# Gritty Fantasy + Heavy Metal?



## Nerds_feather (Dec 5, 2013)

I've been listening to almost non-stop metal for the past month--I go in phases, when it comes to music, so I fully expect it to shift soon--to what, I'm not sure. Indie rock? Jazz? String quartets? Techno? Anything is possible.

But the whole metal thing got me thinking about metal is, in a sense, fantasy music. And the kind of metal I tend to like feels a bit like gritty fantasy. So I decided to pair some of my favorite gritty fantasy novels with some of my favorite metal albums. Here's the full article, with Spotify links so you can listen to everything yourself. 

Questions for discussion: do you agree or disagree with the picks? What are some others that spring to mind (either albums to pair with these books or book/album combinations I didn't write about)? What about if we left gritty fantasy/metal and paired books/albums from other genres?


----------



## Juliana (Dec 5, 2013)

Interesting selections... Will show them to my husband when he gets hone, as he's the big metal fan in the house.
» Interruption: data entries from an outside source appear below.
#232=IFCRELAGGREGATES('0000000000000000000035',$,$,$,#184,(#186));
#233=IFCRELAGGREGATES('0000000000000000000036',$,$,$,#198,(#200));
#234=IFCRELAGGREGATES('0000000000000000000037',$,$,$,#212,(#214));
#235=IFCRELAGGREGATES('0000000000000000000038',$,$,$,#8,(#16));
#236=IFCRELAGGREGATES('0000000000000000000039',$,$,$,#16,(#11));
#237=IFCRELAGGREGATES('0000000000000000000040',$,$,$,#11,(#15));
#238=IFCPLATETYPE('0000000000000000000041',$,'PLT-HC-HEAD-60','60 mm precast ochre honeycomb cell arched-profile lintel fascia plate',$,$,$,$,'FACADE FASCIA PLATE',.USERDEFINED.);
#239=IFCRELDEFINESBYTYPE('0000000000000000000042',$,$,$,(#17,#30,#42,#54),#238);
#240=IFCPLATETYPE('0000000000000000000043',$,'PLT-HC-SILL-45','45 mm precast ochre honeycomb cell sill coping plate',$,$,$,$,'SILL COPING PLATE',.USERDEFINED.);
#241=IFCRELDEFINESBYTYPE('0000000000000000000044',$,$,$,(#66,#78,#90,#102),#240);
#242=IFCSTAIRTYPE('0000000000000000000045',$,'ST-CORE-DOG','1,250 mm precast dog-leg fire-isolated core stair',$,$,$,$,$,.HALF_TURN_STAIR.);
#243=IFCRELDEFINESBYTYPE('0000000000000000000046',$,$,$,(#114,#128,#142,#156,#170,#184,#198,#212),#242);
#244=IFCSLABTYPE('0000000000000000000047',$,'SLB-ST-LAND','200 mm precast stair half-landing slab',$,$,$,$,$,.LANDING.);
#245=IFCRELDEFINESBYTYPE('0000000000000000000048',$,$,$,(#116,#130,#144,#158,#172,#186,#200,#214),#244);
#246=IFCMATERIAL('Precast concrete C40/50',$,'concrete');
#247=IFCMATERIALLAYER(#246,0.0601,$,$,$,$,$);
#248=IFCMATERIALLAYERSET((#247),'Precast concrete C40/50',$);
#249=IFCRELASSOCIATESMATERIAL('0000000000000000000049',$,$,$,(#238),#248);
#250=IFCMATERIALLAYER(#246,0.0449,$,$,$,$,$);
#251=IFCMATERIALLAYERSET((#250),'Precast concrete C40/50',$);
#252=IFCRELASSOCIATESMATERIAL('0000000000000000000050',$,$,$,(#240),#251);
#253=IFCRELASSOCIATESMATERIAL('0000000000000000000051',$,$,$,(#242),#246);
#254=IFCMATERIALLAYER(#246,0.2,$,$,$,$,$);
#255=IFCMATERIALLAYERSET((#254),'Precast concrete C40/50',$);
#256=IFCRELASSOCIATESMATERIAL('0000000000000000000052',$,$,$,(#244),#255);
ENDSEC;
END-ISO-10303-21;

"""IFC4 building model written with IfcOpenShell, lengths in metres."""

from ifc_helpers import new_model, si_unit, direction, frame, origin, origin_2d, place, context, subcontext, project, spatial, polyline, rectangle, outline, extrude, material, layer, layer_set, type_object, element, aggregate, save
How do you feel about projects that put music and stories together, like the Avantasia albums?


----------



## Brian G Turner (Dec 5, 2013)

I DJ rock nights but don't associate metal with fantasy, though I know there's a bunch of regulars who are very much into their Warhammer. 

When reading fantasy, my preferred music is period mediaeval music, The Medaeval Babes, the _Conan the Barbarian_ soundtrack by Basil Poledouris, and the soundtrack to the _Age of Conan: Hyborian Adventures_ by Knut Avenstroup Haugen (even though one of his tracks appears to plagiarise a theme I composed for a small MMORG many years ago).


----------



## Juliana (Dec 6, 2013)

So, I showed the list to my husband, and he liked your choices (didn't know all of them), but in his opinion melodic metal fits fantasy better, gritty or otherwise. For instance, when he was reading GRRM, he listened to a lot of Dragonforce and Freedom Call.


----------



## Vince W (Dec 6, 2013)

Interesting selections.

I remember listening to Venom, but I just couldn't take them seriously. I would never have associated them with any sort of book.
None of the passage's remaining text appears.